McNeace demonstrated the technique in an Extra 300. Indeed, most upsets can be quickly and easily corrected by using the strategy. Perhaps the most eye-opening demonstration of the effectiveness of unloading the aircraft’s wing was when Flight International had the opportunity to perform a zoom climb during which, under McNeace’s instruction, the wings were unloaded by pushing forward on the stick and flying the aircraft under perfect control 20kt (37km/h) below its level stall speed. The aircraft flew so well, aileron rolls could be performed in both directions with ease.
There was also an opportunity to practise high-altitude stall recoveries in the EMB-145 simulator, the technique proving effective in recovering from the beginnings of a stall. Such a high-altitude approach to the stall regime – a thrust-limited condition – is a great example of the final stage of the prevention and/or recovery process often needed to initiate a controlled descent.
McNeace notes that in some situations, even if a pilot does everything correctly, it may not be enough to save the aircraft – but he says the techniques taught by APS give a pilot a fighting chance.

TRAINING PROGRAMMES IN DEVELOPMENT FOR UPSET AVOIDANCE AND RECOVERY

The International Committee for Aviation Training in Extended Envelopes (ICATEE), initiated at the Royal Aeronautical Society, is developing a manual of upset prevention and recovery training for ICAO.

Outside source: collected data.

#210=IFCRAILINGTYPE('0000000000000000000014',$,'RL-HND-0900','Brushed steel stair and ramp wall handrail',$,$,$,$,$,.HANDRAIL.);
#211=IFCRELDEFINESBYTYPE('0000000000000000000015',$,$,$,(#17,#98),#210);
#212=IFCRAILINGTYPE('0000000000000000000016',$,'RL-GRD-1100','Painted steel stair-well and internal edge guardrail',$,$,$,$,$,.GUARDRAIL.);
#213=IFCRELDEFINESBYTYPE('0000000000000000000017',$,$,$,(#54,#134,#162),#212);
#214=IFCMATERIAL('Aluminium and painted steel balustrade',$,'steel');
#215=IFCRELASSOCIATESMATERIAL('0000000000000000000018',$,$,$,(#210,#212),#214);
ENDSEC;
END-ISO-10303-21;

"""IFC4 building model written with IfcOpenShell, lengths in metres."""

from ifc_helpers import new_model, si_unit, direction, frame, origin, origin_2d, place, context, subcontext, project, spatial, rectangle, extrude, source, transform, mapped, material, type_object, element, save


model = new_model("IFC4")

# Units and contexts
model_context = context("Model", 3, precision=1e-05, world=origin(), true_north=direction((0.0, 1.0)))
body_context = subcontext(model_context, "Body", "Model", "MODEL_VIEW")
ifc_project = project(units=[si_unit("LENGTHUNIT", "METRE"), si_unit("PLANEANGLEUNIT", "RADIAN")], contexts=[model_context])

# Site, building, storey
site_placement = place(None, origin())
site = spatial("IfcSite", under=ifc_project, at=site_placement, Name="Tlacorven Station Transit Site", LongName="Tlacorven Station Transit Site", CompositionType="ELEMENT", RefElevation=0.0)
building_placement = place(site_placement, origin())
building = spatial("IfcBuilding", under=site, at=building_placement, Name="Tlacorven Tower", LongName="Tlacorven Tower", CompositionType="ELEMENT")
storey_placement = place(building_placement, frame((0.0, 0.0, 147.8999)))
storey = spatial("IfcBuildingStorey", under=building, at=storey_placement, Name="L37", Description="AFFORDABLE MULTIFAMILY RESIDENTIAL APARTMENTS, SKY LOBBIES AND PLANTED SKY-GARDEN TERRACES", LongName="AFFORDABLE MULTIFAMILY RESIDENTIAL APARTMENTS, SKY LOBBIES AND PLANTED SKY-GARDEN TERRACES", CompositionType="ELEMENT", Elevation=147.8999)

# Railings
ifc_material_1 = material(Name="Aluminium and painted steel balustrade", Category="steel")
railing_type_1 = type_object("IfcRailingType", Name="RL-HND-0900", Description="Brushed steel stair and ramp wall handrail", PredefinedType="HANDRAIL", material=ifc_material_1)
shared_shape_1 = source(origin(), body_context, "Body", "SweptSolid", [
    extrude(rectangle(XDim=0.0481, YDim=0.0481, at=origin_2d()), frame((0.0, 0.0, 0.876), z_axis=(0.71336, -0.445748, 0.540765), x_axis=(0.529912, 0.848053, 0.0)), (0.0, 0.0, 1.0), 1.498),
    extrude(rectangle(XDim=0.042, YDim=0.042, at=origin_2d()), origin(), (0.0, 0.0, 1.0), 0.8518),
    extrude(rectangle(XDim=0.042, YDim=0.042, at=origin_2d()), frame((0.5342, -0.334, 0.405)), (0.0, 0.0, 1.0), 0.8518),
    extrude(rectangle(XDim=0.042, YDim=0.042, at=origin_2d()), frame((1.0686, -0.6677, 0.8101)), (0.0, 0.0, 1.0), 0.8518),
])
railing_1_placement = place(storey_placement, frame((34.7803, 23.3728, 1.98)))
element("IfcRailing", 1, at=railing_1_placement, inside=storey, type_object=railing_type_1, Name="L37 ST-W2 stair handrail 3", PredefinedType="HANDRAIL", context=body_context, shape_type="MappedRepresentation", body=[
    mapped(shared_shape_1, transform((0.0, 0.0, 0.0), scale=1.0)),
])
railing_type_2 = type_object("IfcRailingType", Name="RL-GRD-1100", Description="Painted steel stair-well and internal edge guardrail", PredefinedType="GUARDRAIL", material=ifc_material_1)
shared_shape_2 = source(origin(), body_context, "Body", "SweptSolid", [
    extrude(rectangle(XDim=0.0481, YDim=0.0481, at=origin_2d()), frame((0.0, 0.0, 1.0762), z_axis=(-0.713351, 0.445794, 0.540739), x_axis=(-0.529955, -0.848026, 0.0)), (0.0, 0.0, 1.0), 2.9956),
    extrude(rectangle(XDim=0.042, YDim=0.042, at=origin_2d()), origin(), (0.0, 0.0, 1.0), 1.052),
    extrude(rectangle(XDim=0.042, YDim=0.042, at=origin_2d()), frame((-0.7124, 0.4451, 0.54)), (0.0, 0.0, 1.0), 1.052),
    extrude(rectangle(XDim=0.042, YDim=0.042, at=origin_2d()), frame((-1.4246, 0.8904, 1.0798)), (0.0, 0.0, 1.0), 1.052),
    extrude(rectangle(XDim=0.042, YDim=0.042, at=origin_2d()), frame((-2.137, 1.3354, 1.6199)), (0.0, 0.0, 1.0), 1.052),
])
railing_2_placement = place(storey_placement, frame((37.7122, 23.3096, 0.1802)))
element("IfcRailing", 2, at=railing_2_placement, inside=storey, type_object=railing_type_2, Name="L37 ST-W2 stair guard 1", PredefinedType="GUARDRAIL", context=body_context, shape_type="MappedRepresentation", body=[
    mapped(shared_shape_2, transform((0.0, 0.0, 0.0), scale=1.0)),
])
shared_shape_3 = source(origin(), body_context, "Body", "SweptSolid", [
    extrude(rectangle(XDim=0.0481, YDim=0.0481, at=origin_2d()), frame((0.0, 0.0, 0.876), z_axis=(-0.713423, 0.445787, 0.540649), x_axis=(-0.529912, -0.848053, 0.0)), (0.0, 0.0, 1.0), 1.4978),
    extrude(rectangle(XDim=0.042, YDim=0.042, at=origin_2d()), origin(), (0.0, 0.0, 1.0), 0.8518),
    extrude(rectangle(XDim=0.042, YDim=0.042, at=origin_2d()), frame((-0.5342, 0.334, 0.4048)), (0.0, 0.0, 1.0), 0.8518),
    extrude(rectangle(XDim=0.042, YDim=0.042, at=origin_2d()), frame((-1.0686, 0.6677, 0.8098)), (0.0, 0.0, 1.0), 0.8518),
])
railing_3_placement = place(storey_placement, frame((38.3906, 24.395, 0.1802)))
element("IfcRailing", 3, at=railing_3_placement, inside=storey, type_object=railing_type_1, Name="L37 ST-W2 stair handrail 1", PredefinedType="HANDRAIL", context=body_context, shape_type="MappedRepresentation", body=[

The manual will have sections for pilots, instructors, training providers and regulators, and will become the basis of ICAO standards and recommended practices in ICAO Annex 1 and 6.

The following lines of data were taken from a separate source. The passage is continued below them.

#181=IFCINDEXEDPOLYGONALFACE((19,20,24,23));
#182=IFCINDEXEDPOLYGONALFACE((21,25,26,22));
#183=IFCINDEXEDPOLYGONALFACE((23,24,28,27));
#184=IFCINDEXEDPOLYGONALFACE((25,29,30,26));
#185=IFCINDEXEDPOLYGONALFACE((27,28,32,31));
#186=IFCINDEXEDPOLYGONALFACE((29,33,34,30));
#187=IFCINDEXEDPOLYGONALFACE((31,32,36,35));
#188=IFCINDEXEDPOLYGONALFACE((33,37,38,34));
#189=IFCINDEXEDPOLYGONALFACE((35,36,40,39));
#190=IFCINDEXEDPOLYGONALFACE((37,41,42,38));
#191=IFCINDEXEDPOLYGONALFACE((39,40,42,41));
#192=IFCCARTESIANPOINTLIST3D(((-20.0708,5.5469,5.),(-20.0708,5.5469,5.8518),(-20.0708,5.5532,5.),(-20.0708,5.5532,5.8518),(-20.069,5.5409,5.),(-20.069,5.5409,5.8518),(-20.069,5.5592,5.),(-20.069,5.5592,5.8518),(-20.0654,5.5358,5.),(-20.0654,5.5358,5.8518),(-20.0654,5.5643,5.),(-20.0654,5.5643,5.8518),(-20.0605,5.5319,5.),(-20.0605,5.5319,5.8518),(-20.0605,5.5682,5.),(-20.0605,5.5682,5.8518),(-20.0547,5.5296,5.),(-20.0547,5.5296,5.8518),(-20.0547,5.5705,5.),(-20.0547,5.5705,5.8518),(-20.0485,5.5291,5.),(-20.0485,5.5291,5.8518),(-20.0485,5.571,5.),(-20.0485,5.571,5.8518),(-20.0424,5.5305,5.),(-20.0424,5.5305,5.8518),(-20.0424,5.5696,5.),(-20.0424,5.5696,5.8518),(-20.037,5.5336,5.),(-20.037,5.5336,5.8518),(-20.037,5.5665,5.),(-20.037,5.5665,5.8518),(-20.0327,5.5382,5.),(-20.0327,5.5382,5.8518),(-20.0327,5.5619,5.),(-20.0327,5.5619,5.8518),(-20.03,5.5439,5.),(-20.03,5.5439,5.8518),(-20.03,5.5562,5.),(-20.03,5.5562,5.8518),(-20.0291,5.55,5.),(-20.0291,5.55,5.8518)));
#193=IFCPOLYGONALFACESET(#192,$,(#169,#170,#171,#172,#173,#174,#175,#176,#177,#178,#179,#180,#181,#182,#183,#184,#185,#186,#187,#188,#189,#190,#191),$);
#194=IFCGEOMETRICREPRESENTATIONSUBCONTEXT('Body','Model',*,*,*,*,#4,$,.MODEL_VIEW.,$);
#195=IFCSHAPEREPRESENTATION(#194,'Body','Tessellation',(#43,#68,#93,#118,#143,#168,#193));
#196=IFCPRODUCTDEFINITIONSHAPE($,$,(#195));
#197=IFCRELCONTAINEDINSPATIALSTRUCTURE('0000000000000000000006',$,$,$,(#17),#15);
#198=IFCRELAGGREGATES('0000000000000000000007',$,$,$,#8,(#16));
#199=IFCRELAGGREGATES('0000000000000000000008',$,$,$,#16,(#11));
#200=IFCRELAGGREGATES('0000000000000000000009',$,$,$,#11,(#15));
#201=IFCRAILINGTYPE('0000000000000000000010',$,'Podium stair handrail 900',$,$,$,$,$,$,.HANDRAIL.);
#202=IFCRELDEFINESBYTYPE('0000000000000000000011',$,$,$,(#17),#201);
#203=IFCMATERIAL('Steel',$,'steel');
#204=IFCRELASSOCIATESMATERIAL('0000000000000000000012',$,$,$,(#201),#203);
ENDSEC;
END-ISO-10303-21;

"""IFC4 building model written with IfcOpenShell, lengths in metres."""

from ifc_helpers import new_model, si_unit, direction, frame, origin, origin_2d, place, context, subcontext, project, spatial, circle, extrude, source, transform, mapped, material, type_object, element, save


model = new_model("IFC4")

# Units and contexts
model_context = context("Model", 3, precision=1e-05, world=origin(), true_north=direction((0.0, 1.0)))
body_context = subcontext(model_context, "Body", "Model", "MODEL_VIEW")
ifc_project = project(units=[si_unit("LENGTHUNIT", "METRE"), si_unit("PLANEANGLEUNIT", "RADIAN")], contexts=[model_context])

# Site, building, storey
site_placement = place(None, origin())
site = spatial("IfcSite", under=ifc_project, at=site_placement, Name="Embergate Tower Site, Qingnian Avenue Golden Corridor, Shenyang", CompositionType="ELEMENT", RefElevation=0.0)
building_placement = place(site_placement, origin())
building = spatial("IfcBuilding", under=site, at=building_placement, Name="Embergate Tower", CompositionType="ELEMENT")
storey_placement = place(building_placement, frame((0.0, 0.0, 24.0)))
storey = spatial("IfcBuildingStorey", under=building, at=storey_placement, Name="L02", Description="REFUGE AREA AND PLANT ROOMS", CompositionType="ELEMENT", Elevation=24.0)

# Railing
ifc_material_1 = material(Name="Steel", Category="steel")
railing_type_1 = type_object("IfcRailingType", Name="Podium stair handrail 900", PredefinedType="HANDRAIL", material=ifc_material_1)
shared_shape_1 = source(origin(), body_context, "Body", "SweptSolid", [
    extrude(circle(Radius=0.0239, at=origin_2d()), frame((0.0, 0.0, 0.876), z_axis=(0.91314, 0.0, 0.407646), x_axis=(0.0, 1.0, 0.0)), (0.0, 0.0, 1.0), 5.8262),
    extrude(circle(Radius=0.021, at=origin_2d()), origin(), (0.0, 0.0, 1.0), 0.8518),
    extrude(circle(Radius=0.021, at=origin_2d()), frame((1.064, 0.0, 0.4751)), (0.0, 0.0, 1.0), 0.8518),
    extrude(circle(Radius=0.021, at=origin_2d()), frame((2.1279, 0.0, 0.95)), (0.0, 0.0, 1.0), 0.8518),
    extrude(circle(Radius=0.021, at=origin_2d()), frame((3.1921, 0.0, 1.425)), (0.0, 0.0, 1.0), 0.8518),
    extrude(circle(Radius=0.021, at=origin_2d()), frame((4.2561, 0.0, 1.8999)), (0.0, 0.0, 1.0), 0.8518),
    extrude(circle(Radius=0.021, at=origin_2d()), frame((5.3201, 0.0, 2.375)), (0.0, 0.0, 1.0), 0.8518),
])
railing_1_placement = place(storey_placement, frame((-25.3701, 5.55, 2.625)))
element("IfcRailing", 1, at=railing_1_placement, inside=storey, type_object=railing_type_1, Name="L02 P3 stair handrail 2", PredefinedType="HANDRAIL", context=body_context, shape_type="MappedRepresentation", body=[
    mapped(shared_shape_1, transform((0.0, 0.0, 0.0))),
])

ICATEE chairman Sunjoo Advani says specific text will also be added to existing ICAO safety manuals, including adding associated demands for the improvement and best use of flight simulation training devices (FSTD).
ICATEE’s identified training requirements for upset prevention and recovery indicate training in FSTD can be effective “for the majority of learning objectives”. But it explains that “a small but essential portion of the learning elements” must be acquired in aerobatic-capable aircraft, as “simulators are not capable of providing the fidelity required (g-cueing magnitude and accuracy)”. It adds that while this deviates from most professional training, its delivery makes this “both an effective method of risk mitigation and an essential element of the ICATEE strategy”.
Some flight training organisations such as Oxford Aviation Academy embed two or three hours of training in aerobatic-capable light aircraft as a part of its consolidated ab initio air transport pilot or multicrew pilot licence courses, even though it is not a legal requirement. This provides the introduction to flying at or beyond the flight envelope that ICATEE recommends, since simulation cannot provide all of this.
The general agreement of the definition of a flight upset in an airliner is a situation in which any or all of the following attitudes apply: more than 25˚ nose up, more than 10˚ nose down, or more than 45˚ bank, but still within the flight envelope. Clearly, exiting the flight envelope from a seemingly benign attitude – for example, when a stall develops from a straight and level attitude – or having developed an unsustainable total energy situation in flight, are also upsets. These, too, are defined.
An aerobatic aircraft can go far beyond the defined attitudes, and can exit and re-enter the flight envelope. Care also has to be applied to prevent “negative training” – techniques that work in an aerobatic-light aircraft, but would damage an airliner.